Avec le Voyage sentimental, nous avons à faire à un véritable chef-d’œuvre. Je viens de le relire deux fois de suite, c’est dans son genre la perfection même. Le livre n’a pas la portée du Tristram Shandy peut-être, quoique sous son apparente futilité il cache une réelle profondeur ; mais la composition et la forme en sont autrement irréprochables, et la donnée première, quoique moins forte que celle de son aîné, est plus originale en ce sens qu’elle sort plus directement de la nature de l’auteur. Le Voyage sentimental, c’est du plus pur Sterne, du Sterne filtré, clarifié, réduit à l’état d’essence.

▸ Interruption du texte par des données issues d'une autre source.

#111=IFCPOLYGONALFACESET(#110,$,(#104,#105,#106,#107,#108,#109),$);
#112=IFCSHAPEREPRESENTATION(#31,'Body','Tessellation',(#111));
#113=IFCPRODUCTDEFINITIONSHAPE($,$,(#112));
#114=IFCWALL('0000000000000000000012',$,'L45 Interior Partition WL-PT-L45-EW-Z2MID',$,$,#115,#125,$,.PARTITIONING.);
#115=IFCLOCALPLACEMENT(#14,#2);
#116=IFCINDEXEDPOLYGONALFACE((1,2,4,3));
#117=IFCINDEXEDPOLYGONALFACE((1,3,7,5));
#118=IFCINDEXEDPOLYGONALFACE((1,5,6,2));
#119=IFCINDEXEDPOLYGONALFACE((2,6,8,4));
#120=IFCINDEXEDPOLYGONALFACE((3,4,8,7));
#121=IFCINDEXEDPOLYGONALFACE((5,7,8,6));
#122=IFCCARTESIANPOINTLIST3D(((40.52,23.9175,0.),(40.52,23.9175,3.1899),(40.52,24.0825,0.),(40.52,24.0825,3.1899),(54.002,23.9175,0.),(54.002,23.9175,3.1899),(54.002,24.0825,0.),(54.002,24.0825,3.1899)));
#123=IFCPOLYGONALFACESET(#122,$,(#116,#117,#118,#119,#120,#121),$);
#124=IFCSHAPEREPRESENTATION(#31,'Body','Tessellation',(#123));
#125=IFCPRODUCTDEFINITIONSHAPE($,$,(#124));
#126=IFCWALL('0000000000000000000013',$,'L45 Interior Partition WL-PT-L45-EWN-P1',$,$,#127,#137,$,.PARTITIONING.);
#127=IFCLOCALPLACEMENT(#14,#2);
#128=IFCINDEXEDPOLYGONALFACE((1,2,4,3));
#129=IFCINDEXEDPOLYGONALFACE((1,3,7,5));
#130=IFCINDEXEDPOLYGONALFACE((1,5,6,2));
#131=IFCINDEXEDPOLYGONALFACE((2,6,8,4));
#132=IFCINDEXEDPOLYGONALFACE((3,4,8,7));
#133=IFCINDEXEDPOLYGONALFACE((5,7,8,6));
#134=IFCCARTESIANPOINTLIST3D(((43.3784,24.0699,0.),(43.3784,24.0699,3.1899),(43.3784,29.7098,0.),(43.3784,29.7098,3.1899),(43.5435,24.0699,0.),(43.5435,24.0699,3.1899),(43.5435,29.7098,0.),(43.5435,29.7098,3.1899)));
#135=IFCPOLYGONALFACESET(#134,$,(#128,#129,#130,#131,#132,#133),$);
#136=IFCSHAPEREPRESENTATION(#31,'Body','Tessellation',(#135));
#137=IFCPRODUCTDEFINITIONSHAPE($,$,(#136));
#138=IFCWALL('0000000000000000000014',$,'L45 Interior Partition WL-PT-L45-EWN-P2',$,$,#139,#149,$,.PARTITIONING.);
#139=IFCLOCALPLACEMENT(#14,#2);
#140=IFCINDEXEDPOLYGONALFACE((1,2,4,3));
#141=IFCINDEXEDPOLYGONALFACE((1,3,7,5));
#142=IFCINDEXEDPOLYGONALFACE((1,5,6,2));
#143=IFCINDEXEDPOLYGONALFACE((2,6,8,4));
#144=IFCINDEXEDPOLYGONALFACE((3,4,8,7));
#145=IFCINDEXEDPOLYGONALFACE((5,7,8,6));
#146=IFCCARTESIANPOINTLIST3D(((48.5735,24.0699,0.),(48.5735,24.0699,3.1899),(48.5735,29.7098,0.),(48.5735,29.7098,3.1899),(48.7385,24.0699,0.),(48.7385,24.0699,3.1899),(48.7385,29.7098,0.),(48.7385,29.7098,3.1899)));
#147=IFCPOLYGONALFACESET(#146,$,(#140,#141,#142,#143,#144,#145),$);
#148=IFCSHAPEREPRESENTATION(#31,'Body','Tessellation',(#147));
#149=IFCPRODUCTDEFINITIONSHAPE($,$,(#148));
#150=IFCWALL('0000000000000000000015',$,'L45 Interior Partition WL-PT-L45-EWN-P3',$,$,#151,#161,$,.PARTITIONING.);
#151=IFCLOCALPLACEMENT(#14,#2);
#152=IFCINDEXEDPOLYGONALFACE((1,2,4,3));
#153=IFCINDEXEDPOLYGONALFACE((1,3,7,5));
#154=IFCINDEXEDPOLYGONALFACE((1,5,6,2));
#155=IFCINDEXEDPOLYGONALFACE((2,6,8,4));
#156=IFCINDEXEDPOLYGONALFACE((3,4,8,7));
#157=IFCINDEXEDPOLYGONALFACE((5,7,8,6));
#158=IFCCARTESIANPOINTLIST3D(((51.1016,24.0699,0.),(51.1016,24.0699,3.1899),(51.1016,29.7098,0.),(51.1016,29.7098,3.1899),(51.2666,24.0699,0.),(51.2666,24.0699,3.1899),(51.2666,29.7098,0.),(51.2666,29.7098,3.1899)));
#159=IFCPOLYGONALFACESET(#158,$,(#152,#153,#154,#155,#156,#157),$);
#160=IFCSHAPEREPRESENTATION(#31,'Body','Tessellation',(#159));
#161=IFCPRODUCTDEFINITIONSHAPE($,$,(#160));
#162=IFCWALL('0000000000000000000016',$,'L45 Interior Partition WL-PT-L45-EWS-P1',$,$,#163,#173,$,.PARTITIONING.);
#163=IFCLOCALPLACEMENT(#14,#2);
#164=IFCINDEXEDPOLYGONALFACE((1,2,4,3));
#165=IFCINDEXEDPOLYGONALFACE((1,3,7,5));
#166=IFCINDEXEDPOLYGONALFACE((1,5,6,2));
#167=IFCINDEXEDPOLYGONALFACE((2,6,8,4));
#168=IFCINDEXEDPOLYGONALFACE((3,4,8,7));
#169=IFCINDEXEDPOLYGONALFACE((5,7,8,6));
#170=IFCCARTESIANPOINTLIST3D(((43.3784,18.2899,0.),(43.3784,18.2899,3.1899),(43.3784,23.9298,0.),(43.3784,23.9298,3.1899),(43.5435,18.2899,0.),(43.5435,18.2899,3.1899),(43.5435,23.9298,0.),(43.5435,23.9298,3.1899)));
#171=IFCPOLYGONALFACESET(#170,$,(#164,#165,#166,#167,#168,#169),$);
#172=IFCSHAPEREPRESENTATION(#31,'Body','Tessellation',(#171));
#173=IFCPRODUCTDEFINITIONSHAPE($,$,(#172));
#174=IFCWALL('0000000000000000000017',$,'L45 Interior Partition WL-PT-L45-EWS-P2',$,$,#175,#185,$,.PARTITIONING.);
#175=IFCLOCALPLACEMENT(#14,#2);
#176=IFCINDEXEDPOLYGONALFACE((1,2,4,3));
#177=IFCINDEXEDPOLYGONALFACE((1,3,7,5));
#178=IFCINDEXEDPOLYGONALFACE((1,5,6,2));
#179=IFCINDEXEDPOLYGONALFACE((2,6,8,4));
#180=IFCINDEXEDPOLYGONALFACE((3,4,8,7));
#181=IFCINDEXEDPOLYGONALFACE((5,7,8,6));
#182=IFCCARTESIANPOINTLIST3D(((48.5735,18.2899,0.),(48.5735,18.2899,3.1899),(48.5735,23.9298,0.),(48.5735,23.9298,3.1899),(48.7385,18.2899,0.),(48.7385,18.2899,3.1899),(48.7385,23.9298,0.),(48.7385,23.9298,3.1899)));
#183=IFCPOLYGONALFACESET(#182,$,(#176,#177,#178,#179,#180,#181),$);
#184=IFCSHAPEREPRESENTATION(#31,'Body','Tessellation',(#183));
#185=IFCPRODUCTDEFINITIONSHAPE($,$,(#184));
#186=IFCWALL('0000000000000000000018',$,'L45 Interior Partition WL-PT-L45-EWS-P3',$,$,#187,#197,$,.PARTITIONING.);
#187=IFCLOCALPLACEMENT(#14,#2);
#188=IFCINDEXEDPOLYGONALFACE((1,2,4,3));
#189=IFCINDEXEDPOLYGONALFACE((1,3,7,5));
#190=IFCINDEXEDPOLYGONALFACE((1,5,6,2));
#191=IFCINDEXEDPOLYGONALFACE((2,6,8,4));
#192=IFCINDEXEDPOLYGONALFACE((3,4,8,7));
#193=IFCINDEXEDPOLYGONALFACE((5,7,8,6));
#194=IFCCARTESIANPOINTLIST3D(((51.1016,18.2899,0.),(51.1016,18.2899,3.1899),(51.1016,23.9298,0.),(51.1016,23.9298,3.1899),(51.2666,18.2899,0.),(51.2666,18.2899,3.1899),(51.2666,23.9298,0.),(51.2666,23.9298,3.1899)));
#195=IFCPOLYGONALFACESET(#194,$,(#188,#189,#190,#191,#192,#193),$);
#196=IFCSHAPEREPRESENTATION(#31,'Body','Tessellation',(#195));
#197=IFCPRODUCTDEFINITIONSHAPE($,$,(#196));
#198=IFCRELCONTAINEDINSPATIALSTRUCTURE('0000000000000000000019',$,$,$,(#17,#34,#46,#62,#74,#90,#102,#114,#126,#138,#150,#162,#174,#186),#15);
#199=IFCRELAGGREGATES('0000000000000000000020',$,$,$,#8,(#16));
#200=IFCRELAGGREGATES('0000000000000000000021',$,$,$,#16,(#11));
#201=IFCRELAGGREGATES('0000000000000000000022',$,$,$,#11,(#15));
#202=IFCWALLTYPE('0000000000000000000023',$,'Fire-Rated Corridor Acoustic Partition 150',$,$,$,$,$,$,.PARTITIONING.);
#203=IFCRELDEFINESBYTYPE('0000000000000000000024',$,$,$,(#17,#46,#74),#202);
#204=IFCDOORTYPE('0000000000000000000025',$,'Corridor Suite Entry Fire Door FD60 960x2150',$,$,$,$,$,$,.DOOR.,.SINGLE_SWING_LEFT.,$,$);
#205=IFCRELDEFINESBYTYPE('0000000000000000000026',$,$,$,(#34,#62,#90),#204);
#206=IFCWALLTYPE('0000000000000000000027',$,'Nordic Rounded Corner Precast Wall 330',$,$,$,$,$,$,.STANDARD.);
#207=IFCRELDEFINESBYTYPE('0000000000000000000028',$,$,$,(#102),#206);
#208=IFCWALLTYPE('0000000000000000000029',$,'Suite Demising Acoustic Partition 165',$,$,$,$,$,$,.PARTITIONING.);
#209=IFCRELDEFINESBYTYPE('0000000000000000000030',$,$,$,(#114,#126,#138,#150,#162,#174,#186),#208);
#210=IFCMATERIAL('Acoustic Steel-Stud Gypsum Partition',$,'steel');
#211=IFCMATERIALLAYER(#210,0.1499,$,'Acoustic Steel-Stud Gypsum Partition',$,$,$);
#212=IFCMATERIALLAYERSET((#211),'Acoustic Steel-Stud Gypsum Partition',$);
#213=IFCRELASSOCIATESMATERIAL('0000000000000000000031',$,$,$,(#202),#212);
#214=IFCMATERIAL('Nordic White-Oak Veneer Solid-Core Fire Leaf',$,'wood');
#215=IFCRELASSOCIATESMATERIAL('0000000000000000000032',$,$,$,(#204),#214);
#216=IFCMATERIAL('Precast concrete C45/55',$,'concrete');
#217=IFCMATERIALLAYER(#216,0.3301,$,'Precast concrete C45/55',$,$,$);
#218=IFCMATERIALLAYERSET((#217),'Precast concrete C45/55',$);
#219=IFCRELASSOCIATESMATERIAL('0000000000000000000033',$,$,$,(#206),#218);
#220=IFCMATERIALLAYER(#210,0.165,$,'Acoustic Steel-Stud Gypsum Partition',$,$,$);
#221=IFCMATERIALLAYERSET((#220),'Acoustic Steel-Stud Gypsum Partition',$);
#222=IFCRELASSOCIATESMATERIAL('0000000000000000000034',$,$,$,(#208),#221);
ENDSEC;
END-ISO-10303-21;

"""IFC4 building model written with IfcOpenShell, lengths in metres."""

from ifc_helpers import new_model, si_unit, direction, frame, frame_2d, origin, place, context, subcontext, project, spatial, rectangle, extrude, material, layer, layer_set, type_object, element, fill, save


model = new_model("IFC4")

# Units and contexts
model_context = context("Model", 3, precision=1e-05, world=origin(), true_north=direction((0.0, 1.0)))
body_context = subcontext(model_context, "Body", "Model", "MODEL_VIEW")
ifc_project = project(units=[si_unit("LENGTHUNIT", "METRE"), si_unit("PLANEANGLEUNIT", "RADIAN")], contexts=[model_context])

Le Tristram Shandy a une tradition, il se rattache en partie à toute une vieille littérature oubliée. Le Burton de l’Anatomie de la mélancolie, sir Thomas Browne, Rabelais, Beroalde de Verville, et je ne sais combien de vieux médecins et de vieux théologiens y ont collaboré avec Sterne ; mais le Voyage sentimental se rapporte directement à Sterne et n’appartient qu’à lui seul. L’idée de ce livre est une de ces trouvailles heureuses qui classent immédiatement un auteur parmi les hommes originaux. Non, s’est dit Sterne, je ne voyagerai pas comme ces singuliers touristes qui, avant de s’embarquer, semblent déposer leur cœur dans leur maison, arrêter jusqu’à leur retour la circulation de leur sang, pour qui le voyage équivaut à une suspension des fonctions de la vie, et que les pays étrangers voient transformés en automates contemplatifs. Non, pendant que le bateau, la diligence ou la chaise de poste m’emporteront, mon pouls continuera de battre, mon cœur malade de soupirer et de désirer, mon âme de rêver. Vous savez s’il a gentiment tenu sa résolution, vous tous qui avez lu le Voyage sentimental. Il n’y a dans toute la littérature de voyages qu’un autre livre qui soit sorti d’une idée aussi originale ; j’ai nommé les Reisebilder d’Henri Heine.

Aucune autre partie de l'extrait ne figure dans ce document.